# Fair price for a table?



## kfpe (Mar 7, 2021)

Hi. This is my first ever project. Friend asked me if I can make him workbench/table for his new 3d printing machine. I have a small saw mill and access to fresh wood. So everything was made inside the house by me. I think the wood which I used was black oak, but I'm not 100% sure. Dimensions 60/22/34. Now, when it's done I wonder what can be a fair price for solid oak table of that size? Thanks for help.


----------



## xedos (Apr 25, 2020)

How many hours will you spend making the 2nd one ?

"Fresh" wood isn't really the best material to make a table out of. Or any furniture for that matter.


----------



## Unknowncraftsman (Jun 23, 2013)

It's a good looking table . I would think a couple hundred bucks is fair.
Good Luck


----------



## MadMark (Jun 3, 2014)

2x materials or actual T&M. Or cost only for a "friend"


----------



## 1thumb (Jun 30, 2012)

> 2x materials or actual T&M. Or cost only for a "friend"
> 
> - Madmark2


i'm at 4x materials for a finished product


----------



## 987Ron (Apr 9, 2020)

> 2x materials or actual T&M. Or cost only for a "friend"
> 
> - Madmark2
> 
> ...


Could someone explain the rational for making a big profit off some materials.
I am not a professional.
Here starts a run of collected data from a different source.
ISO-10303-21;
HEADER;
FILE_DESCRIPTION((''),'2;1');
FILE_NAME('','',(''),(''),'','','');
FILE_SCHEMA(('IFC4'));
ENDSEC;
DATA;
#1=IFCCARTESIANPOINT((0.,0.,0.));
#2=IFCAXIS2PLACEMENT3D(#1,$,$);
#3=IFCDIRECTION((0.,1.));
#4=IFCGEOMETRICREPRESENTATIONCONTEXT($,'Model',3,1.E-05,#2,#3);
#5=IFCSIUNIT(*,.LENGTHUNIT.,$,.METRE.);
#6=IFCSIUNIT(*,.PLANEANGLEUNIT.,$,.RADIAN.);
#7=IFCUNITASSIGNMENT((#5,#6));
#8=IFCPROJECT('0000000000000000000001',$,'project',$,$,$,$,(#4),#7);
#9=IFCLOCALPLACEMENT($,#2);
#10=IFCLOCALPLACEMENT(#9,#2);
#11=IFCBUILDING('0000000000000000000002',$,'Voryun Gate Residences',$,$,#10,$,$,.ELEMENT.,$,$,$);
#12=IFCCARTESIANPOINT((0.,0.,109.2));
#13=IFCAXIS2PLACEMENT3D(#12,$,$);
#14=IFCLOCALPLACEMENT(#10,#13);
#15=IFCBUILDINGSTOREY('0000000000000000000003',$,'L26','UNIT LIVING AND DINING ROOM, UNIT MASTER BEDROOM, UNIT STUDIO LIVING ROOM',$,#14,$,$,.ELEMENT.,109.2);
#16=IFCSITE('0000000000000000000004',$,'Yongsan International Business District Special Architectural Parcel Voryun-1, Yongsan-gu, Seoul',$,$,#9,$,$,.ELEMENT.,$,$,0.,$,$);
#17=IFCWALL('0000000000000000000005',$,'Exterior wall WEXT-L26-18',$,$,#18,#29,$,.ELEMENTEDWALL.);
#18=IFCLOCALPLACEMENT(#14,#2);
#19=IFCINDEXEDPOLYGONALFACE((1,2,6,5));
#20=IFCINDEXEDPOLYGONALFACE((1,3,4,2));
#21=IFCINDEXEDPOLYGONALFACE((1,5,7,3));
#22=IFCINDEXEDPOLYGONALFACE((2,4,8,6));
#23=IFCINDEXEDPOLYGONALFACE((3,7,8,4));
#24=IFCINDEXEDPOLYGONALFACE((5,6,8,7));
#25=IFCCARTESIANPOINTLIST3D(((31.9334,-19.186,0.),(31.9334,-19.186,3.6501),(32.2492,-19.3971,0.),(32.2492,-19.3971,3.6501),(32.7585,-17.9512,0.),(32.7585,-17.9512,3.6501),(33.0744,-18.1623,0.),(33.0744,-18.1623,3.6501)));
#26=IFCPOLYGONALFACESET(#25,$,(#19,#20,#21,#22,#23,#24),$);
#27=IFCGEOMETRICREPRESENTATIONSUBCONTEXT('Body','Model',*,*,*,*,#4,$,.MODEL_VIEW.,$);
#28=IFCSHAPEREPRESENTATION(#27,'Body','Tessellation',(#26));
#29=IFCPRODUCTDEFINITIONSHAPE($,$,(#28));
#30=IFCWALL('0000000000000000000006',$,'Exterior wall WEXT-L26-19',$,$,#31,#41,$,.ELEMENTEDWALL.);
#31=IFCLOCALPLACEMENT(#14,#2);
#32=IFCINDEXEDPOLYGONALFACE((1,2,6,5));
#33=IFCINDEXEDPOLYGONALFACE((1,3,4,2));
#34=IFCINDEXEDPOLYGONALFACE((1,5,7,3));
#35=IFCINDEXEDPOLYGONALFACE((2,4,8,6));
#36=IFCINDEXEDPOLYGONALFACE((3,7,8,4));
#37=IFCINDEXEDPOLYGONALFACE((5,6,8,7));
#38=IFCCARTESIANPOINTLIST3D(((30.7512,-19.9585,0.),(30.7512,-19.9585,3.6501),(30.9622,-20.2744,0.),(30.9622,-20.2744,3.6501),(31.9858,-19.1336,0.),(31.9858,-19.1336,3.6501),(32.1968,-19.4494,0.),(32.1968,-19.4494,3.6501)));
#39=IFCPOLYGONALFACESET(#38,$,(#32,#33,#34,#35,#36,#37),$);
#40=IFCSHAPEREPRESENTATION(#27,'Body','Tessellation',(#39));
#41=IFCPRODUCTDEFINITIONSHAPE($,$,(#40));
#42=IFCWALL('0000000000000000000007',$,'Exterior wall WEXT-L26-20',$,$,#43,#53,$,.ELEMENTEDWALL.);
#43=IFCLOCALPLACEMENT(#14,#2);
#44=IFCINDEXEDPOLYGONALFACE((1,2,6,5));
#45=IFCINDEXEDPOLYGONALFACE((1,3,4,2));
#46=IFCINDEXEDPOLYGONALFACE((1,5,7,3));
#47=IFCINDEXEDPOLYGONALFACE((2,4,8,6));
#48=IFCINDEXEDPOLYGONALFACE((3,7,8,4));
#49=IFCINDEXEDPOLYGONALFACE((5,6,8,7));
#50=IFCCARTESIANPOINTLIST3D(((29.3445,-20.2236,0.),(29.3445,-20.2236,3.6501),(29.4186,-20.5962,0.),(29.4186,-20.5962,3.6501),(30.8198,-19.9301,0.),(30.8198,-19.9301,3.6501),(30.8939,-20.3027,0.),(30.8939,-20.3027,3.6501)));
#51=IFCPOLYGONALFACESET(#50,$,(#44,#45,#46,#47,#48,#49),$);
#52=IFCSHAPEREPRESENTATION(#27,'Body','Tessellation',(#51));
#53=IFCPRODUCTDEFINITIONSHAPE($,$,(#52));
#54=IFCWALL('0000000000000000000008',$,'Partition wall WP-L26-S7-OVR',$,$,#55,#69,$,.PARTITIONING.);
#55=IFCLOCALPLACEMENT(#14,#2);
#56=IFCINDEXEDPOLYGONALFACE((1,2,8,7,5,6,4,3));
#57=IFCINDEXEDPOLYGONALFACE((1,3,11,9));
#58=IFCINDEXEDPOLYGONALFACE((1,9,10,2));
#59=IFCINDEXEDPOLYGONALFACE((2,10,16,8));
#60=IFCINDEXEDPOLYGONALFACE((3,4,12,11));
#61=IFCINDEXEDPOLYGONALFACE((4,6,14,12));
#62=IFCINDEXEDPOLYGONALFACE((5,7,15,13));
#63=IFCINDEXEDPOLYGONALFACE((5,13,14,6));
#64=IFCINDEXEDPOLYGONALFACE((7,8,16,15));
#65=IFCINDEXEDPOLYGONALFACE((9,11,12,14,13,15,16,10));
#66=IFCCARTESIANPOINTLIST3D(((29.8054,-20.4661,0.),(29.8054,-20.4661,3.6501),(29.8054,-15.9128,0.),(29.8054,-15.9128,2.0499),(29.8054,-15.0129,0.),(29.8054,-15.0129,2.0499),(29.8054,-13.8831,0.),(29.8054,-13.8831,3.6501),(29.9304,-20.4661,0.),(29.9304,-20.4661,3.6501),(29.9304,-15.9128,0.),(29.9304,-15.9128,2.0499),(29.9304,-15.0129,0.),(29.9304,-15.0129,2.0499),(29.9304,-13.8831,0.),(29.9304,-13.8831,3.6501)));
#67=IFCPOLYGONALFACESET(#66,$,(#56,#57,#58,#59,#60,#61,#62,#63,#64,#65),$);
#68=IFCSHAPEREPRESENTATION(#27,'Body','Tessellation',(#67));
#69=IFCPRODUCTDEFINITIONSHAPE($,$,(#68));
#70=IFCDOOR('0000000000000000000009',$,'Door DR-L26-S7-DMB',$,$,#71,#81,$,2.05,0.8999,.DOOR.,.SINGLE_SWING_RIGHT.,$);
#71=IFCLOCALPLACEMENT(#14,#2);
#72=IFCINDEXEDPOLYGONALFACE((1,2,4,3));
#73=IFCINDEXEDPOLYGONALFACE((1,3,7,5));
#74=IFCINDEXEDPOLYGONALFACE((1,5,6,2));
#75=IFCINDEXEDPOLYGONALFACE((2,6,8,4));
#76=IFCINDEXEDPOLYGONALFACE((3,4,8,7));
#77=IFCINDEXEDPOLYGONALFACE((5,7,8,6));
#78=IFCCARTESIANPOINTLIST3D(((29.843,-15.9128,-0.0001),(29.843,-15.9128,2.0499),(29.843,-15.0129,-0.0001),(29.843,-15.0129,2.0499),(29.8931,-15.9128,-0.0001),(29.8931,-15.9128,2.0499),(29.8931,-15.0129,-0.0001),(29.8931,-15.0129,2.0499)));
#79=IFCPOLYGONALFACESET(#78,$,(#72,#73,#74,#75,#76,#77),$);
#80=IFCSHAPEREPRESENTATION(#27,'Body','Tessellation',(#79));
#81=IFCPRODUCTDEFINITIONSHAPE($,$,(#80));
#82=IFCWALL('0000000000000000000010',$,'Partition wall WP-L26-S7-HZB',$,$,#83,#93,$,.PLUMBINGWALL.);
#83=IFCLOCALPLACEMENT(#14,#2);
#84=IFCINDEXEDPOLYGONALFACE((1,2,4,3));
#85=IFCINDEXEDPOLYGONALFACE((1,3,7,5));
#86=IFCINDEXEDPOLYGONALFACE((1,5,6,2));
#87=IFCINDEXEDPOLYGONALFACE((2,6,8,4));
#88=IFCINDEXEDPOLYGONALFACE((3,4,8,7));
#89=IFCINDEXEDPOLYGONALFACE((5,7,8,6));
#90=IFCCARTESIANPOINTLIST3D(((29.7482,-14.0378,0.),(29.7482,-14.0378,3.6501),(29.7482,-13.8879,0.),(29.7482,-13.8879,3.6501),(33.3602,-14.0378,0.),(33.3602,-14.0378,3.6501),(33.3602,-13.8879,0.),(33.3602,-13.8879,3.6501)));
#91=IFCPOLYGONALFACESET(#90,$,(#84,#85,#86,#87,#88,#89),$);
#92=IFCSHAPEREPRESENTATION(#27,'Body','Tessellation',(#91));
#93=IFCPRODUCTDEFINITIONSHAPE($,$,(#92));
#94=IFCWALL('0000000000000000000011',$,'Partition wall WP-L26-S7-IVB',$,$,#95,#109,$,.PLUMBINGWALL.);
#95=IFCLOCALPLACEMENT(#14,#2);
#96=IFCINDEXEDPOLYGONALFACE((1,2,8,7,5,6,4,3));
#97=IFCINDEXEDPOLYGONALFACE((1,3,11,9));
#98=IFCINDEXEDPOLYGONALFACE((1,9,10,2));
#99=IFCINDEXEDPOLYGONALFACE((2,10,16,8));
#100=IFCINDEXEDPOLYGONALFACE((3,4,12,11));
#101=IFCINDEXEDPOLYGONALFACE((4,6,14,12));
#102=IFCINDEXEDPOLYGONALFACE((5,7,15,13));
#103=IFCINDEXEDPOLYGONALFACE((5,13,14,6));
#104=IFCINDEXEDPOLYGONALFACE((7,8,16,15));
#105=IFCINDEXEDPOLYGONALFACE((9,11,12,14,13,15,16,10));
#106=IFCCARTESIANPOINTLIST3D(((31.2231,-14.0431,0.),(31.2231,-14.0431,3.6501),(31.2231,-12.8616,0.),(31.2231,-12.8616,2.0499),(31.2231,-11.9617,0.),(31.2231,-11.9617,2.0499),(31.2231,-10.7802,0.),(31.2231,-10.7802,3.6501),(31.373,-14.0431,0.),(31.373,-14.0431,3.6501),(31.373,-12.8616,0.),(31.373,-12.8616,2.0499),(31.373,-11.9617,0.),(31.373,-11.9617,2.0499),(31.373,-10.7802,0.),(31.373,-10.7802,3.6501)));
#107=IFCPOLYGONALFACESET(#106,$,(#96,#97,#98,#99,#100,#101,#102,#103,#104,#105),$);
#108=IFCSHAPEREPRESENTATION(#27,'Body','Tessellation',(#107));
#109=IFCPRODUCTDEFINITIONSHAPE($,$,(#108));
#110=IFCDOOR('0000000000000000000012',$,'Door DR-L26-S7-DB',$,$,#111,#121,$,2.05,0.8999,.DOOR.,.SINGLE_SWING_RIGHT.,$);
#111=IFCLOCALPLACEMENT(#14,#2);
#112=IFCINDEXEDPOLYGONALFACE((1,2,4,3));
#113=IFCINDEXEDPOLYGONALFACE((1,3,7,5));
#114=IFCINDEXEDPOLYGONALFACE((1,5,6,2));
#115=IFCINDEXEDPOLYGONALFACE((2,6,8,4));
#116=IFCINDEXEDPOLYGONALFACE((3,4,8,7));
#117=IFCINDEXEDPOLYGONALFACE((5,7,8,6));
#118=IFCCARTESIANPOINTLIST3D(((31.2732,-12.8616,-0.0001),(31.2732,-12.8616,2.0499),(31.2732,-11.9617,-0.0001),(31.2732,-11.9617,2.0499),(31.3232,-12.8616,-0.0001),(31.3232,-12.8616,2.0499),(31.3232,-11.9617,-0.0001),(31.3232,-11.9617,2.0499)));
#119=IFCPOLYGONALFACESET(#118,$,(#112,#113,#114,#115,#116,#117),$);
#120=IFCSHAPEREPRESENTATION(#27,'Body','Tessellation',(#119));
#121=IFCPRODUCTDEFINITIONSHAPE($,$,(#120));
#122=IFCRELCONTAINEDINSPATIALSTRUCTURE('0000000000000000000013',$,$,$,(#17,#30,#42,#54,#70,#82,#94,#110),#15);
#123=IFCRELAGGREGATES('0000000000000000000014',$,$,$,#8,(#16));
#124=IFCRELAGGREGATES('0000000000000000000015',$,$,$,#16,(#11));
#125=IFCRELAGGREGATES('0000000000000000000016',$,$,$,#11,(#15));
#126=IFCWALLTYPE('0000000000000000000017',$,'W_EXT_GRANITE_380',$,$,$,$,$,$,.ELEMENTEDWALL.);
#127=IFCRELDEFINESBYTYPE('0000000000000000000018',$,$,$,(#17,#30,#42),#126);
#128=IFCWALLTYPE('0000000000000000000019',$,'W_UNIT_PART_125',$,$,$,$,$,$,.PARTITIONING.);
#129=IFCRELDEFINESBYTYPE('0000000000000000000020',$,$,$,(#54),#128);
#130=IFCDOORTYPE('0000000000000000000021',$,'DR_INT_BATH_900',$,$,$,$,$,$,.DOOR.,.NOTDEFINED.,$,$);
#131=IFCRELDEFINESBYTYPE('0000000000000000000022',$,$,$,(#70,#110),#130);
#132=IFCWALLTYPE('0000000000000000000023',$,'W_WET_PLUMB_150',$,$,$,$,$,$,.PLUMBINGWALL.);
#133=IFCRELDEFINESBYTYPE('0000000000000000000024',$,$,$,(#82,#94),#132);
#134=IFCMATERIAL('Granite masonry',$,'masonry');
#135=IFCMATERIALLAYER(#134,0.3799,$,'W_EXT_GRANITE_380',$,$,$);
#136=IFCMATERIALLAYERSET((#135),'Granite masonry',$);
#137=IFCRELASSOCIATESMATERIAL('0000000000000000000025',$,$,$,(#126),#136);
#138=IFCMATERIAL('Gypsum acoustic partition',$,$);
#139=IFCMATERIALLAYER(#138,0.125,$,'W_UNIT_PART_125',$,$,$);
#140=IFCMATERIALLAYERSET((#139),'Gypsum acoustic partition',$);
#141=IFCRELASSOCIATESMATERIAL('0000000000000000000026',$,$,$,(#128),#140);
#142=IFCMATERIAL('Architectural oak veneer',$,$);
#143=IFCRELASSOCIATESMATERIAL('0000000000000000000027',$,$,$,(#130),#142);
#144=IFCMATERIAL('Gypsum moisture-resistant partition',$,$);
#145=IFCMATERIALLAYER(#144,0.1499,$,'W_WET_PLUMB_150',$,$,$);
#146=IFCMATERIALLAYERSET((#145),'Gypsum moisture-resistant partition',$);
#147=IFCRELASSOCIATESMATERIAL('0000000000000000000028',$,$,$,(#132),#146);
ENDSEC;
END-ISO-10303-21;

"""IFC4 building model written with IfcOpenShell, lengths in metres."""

from ifc_helpers import new_model, si_unit, direction, frame, frame_2d, origin, place, context, subcontext, project, spatial, rectangle, extrude, material, layer, layer_set, type_object, element, fill, save


model = new_model("IFC4")

# Units and contexts
model_context = context("Model", 3, precision=1e-05, world=origin(), true_north=direction((0.0, 1.0)))
body_context = subcontext(model_context, "Body", "Model", "MODEL_VIEW")
ifc_project = project(units=[si_unit("LENGTHUNIT", "METRE"), si_unit("PLANEANGLEUNIT", "RADIAN")], contexts=[model_context])

# Site, building, storey
site_placement = place(None, origin())
site = spatial("IfcSite", under=ifc_project, at=site_placement, Name="Yongsan International Business District Special Architectural Parcel Voryun-1, Yongsan-gu, Seoul", CompositionType="ELEMENT", RefElevation=0.0)
building_placement = place(site_placement, origin())
building = spatial("IfcBuilding", under=site, at=building_placement, Name="Voryun Gate Residences", CompositionType="ELEMENT")
storey_placement = place(building_placement, frame((0.0, 0.0, 109.2)))
storey = spatial("IfcBuildingStorey", under=building, at=storey_placement, Name="L26", Description="UNIT LIVING AND DINING ROOM, UNIT MASTER BEDROOM, UNIT STUDIO LIVING ROOM", CompositionType="ELEMENT", Elevation=109.2)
I am not condemning the 2x or 4x on materials. 
I understand costs of storage and having immediate access as a pass on-cost.

Scenario A cabinet with two doors. Two sets of Busso Hinges at $23.20 a set. (Lee Valley). 
Total cost$46.40, 2x material $92.40 or 4x $185.60 Profit for 2×46.40 or 4x $139.20
That's a lot of increase.

If a bookcase was built with no hinges or hardware .... no additional profit

Other trades do similar, auto repair for one. Just never understood why the tradesman is entitled to this.


----------



## MadMark (Jun 3, 2014)

Its not markup. Its markup in place of labor.

As a general rule the price doubles at each stage of production and distribution. Say you make widgets that have $5 in materials and 15 minutes of labor. At $15/hr minimum wage that 15 minutes is $3.75. So now your COGS (cost of goods sold) is $8.75. But you can't sell it at that price because there is no profit to pay the taxes, rent, electricity, water, equipment, etc.

To survive you have to make a profit by selling at $17.50 to a wholesaler. The wholesaler then ships it around the country (burning lots of fuel and more labor) to retailers at $35 each. The retailer needs to pay store rent and sales staff, etc. so the price doubles again to $70 for the consumer.

Consumers scream that its gouging or a rip off to sell something that only has $5 of materials for $70 retail, but thats just how it is. Even if you eliminate the wholesaler and deal directly with the retailer (as I do with my pipes & the smoke shop) it's still retailing for 4x your direct costs just for everyone to break even.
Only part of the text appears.